“I’ll serve you as I can,” she said, gently, her eyes avoiding his. “But,” and she lowered her tones until her words became a warning made in whispers—“but I say to you, monsieur, beware of Chatémuc! Stay not by my side. I’ll serve you as I can, but leave me when we reach the town. Believe me when I say ’tis safer so.”

Ma foi, ma petite,” exclaimed de Sancerre, petulantly, turning his head to cast a glance behind him at Chatémuc, “your warning, though well meant, was hardly fair to him! Your brother is too good a friend of Mother Church to harbor hatred of a Catholic like me, who only yesternight vowed three long candles to the Virgin-mother—after that ugly crone had left my side at last.”

“You smile, and speak light words,” murmured Katonah, deprecatingly. “But I say to you, beware of Chatémuc. He loves the faith, but hateth you, monsieur. I know not why. ’Tis strange!”

She gazed at the Frenchman’s face with a frank admiration which brought a self-conscious smile to the courtier’s lips. Flicking a multicolored insect from the tattered velvet of his sleeve, de Sancerre exclaimed:

“Ah, my Katonah! ’Tis those who know me best who love me best. Your brother is a stranger, who cannot read my heart. But, hark! what have we here?”

The noise of kettle-drums and the howling of a great throng arose in front of them. Their stately guides withdrew from de Tonti’s side and stalked sedately to the rear of the little group of strangers, leaving the Italian captain to lead his followers to the imminent outskirts of the town.

“Listen to the drums, petite!” exclaimed de Sancerre, gayly. “We’ll dance a menuet in yonder city, or I am not a moonbeam’s favorite son!”

CHAPTER XI
IN WHICH THE BROTHER OF THE SUN WELCOMES
THE CHILDREN OF THE MOON

The Brother of the Sun, overjoyed at the opportunity now before him to offer hospitality to guests upon whose white faces he gazed with mingled admiration and astonishment, had come in state to the confines of the forest to testify to the cordiality of a greeting that illuminated his well-cut, strong, and mobile countenance. The Great Sun, as he was called—his exact relationship to the orb of day being, to a large extent, a matter of conjecture—was an elderly man, fully six feet six inches in height, with a light-mahogany complexion, hair still jet-black, and brilliant, dark eyes gazing proudly forth upon a world which, from the hour of his birth, had paid abject homage to his exalted rank.
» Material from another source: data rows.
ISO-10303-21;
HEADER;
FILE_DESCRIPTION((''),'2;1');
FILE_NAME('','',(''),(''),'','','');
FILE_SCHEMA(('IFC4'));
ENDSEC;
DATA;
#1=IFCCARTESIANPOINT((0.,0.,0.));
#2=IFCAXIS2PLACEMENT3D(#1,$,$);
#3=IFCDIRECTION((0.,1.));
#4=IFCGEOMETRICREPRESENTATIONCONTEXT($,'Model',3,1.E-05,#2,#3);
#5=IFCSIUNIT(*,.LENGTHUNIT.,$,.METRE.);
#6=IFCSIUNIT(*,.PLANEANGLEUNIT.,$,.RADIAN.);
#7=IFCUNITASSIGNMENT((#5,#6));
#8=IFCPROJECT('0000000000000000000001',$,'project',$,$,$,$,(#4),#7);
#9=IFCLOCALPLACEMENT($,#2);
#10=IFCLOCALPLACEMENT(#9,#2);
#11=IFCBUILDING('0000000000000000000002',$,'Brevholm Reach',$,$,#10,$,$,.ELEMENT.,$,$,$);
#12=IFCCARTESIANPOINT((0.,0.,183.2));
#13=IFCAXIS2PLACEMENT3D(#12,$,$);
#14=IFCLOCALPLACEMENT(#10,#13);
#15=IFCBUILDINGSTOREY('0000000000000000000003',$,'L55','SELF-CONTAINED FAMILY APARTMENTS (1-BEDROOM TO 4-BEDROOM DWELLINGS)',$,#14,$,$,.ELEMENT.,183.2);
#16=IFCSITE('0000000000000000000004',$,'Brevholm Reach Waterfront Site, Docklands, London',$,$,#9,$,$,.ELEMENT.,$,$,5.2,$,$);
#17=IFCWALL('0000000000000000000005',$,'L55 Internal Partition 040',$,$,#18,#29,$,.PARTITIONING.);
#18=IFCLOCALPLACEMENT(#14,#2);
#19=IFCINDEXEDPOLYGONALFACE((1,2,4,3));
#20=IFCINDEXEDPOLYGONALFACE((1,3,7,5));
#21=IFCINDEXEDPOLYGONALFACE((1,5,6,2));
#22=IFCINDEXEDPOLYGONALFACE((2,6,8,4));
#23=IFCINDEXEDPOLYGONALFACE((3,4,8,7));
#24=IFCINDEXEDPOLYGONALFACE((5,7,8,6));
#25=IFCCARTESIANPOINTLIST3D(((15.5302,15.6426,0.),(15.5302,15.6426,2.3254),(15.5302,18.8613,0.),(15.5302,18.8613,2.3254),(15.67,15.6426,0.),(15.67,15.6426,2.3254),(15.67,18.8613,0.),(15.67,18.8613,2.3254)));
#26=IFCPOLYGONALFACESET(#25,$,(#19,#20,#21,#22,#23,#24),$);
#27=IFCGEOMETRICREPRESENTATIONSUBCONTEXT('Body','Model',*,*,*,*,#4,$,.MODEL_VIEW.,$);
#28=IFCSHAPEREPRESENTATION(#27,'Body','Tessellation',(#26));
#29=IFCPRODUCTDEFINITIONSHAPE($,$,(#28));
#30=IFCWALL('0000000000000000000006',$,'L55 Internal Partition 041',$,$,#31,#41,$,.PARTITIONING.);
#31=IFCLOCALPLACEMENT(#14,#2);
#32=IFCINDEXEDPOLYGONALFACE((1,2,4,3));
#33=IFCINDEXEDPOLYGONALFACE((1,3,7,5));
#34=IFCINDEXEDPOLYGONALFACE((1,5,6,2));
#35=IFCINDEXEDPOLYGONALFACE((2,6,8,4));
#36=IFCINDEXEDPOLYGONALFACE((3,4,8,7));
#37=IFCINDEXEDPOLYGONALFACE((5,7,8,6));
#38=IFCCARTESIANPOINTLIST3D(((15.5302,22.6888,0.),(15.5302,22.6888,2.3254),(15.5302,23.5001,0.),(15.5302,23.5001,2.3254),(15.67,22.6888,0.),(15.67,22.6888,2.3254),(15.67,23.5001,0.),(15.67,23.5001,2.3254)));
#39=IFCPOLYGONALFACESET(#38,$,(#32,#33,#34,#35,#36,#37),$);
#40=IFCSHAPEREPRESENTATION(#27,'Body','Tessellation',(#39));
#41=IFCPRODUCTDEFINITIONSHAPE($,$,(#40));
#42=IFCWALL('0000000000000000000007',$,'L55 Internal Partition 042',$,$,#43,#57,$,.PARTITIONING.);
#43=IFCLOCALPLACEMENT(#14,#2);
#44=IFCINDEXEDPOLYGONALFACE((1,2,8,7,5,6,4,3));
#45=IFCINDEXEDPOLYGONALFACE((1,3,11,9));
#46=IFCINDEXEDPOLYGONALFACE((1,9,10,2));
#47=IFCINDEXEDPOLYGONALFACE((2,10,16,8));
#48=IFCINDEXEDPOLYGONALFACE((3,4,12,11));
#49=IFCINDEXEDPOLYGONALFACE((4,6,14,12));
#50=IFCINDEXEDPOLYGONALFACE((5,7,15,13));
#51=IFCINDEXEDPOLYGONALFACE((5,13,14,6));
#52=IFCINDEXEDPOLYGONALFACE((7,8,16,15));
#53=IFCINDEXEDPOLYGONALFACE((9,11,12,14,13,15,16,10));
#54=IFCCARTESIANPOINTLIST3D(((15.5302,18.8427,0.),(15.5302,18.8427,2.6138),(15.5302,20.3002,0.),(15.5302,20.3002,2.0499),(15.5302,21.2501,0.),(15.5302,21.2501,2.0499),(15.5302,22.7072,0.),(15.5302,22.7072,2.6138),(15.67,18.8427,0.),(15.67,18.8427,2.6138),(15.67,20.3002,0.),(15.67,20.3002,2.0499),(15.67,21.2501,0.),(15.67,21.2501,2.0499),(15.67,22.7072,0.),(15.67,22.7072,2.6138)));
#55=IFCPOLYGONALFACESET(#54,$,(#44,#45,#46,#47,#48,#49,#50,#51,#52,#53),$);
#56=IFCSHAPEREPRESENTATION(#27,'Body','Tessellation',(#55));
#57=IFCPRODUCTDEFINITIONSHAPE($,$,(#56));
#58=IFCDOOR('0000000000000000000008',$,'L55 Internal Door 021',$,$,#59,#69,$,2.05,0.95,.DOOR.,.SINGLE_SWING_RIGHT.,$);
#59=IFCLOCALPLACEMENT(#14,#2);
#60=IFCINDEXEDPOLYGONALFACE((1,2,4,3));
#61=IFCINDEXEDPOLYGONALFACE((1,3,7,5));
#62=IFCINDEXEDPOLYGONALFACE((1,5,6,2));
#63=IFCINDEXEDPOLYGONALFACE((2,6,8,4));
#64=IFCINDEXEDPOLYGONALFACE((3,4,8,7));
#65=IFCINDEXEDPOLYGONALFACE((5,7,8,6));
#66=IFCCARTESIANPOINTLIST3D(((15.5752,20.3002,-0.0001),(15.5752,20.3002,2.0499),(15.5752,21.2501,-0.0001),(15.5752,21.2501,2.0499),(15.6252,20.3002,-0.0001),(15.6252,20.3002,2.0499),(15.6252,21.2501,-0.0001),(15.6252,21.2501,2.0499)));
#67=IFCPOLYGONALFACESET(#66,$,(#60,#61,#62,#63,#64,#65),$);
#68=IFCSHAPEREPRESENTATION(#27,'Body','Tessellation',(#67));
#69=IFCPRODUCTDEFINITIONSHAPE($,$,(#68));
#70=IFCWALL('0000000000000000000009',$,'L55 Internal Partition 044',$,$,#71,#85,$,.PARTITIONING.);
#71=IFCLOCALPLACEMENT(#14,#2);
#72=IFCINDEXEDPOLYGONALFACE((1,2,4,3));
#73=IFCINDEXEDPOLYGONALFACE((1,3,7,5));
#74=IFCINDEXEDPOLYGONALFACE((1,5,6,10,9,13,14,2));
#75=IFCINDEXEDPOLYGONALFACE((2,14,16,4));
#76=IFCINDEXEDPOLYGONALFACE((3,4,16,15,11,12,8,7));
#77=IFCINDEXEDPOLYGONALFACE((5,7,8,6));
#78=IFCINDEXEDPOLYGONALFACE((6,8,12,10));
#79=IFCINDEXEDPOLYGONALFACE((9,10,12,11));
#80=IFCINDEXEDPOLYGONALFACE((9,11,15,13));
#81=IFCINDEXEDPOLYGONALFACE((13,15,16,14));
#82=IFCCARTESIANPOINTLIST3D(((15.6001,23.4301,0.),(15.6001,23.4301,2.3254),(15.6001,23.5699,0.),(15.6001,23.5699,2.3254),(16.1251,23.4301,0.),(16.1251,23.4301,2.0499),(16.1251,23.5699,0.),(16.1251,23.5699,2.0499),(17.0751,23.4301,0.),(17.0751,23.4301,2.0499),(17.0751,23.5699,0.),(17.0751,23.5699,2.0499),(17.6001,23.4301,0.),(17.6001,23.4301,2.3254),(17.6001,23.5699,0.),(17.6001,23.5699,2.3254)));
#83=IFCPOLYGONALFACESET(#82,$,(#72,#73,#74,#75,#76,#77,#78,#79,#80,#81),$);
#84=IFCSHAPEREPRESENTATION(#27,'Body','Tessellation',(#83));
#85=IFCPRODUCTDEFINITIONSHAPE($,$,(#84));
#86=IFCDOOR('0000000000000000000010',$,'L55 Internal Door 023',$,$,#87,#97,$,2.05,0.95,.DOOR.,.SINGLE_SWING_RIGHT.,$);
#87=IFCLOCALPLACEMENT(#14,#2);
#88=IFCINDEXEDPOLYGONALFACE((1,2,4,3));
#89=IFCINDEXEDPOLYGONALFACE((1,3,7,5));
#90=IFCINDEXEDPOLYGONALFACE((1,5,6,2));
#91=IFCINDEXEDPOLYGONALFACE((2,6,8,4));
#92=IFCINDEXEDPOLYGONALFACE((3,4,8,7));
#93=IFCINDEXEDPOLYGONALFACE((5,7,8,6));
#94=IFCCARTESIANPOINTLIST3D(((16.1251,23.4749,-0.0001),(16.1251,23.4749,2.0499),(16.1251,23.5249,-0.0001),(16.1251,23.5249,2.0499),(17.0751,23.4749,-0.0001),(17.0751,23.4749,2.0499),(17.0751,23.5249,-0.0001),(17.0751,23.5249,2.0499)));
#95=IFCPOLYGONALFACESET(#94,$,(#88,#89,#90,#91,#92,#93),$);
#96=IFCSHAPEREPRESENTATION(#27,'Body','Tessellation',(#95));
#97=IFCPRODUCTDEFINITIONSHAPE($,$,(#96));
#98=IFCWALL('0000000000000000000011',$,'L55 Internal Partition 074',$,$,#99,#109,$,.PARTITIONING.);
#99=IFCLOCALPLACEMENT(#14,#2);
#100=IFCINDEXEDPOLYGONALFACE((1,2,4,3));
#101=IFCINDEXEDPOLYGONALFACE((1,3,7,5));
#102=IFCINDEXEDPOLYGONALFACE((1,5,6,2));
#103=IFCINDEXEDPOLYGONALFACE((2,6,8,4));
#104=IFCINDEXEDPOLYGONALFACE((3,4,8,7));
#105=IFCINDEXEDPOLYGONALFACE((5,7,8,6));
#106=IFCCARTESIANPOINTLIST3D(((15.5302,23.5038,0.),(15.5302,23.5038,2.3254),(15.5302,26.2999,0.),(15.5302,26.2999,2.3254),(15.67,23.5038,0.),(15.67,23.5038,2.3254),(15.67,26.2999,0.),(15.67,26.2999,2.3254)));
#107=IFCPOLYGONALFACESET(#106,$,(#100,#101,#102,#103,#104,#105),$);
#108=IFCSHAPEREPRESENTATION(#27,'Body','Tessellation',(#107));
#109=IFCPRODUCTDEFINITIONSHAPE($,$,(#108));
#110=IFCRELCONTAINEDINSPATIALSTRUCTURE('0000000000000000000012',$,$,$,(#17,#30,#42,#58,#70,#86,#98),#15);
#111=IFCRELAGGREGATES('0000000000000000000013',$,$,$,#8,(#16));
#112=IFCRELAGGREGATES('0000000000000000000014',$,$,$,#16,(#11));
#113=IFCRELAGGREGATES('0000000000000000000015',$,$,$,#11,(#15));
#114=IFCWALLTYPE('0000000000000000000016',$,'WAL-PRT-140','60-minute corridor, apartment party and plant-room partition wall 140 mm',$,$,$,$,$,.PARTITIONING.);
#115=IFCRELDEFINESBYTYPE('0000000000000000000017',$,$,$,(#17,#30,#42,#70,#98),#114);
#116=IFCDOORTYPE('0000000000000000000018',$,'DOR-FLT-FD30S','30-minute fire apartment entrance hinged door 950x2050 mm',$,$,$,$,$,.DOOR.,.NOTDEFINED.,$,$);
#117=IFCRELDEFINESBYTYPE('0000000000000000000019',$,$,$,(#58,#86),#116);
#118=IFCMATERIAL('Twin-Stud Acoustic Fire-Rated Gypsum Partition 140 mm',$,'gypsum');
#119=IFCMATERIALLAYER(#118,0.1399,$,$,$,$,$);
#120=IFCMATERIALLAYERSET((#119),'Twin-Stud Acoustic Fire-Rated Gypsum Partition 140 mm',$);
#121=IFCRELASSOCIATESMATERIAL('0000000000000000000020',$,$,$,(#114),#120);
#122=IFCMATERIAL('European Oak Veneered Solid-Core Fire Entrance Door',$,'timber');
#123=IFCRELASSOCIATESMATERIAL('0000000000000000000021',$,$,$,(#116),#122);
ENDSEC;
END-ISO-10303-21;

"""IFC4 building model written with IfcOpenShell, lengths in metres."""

from ifc_helpers import new_model, si_unit, direction, frame, frame_2d, origin, place, context, subcontext, project, spatial, rectangle, extrude, material, layer, layer_set, type_object, element, fill, save


model = new_model("IFC4")

# Units and contexts
model_context = context("Model", 3, precision=1e-05, world=origin(), true_north=direction((0.0, 1.0)))
body_context = subcontext(model_context, "Body", "Model", "MODEL_VIEW")
ifc_project = project(units=[si_unit("LENGTHUNIT", "METRE"), si_unit("PLANEANGLEUNIT", "RADIAN")], contexts=[model_context])

# Site, building, storey
site_placement = place(None, origin())
site = spatial("IfcSite", under=ifc_project, at=site_placement, Name="Brevholm Reach Waterfront Site, Docklands, London", CompositionType="ELEMENT", RefElevation=5.2)
building_placement = place(site_placement, origin())
building = spatial("IfcBuilding", under=site, at=building_placement, Name="Brevholm Reach", CompositionType="ELEMENT")
storey_placement = place(building_placement, frame((0.0, 0.0, 183.2)))
storey = spatial("IfcBuildingStorey", under=building, at=storey_placement, Name="L55", Description="SELF-CONTAINED FAMILY APARTMENTS (1-BEDROOM TO 4-BEDROOM DWELLINGS)", CompositionType="ELEMENT", Elevation=183.2)

# Walls
ifc_material_1 = material(Name="Twin-Stud Acoustic Fire-Rated Gypsum Partition 140 mm", Category="gypsum")
ifc_layer_1 = layer(ifc_material_1, 0.1399)
ifc_layer_set_1 = layer_set([ifc_layer_1], Name="Twin-Stud Acoustic Fire-Rated Gypsum Partition 140 mm")
wall_type_1 = type_object("IfcWallType", Name="WAL-PRT-140", Description="60-minute corridor, apartment party and plant-room partition wall 140 mm", PredefinedType="PARTITIONING", material=ifc_layer_set_1)
wall_1_placement = place(storey_placement, frame((15.6001, 15.6426, 0.0), z_axis=(0.0, 0.0, 1.0), x_axis=(0.0, 1.0, 0.0)))
element("IfcWall", 1, at=wall_1_placement, inside=storey, type_object=wall_type_1, Name="L55 Internal Partition 040", PredefinedType="PARTITIONING", context=body_context, shape_type="SweptSolid", body=[
    extrude(rectangle(XDim=3.2188, YDim=0.1399, at=frame_2d((1.6094, 0.0))), origin(), (0.0, 0.0, 1.0), 2.3254),
])
wall_2_placement = place(storey_placement, frame((15.6001, 22.6887, 0.0), z_axis=(0.0, 0.0, 1.0), x_axis=(0.0, 1.0, 0.0)))
element("IfcWall", 2, at=wall_2_placement, inside=storey, type_object=wall_type_1, Name="L55 Internal Partition 041", PredefinedType="PARTITIONING", context=body_context, shape_type="SweptSolid", body=[
    extrude(rectangle(XDim=0.8113, YDim=0.1399, at=frame_2d((0.4058, 0.0))), origin(), (0.0, 0.0, 1.0), 2.3254),
])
He was enthroned in a litter resembling a huge sedan-chair, which was carried upon the shoulders of eight stalwart men in white attire but bare-footed. The four long arms of the litter were painted red, and its body was decorated with embroidered deer-skins, leaves of the magnolia-tree, and garlands of red and white flowers. His head was ornamented by a diadem of white feathers. Inserted in the lobes of his shapely ears were rings of decorated bone. He wore a necklace made of the teeth of alligators, and against the background of his raven-black hair gayly colored beads shone in the sunlight.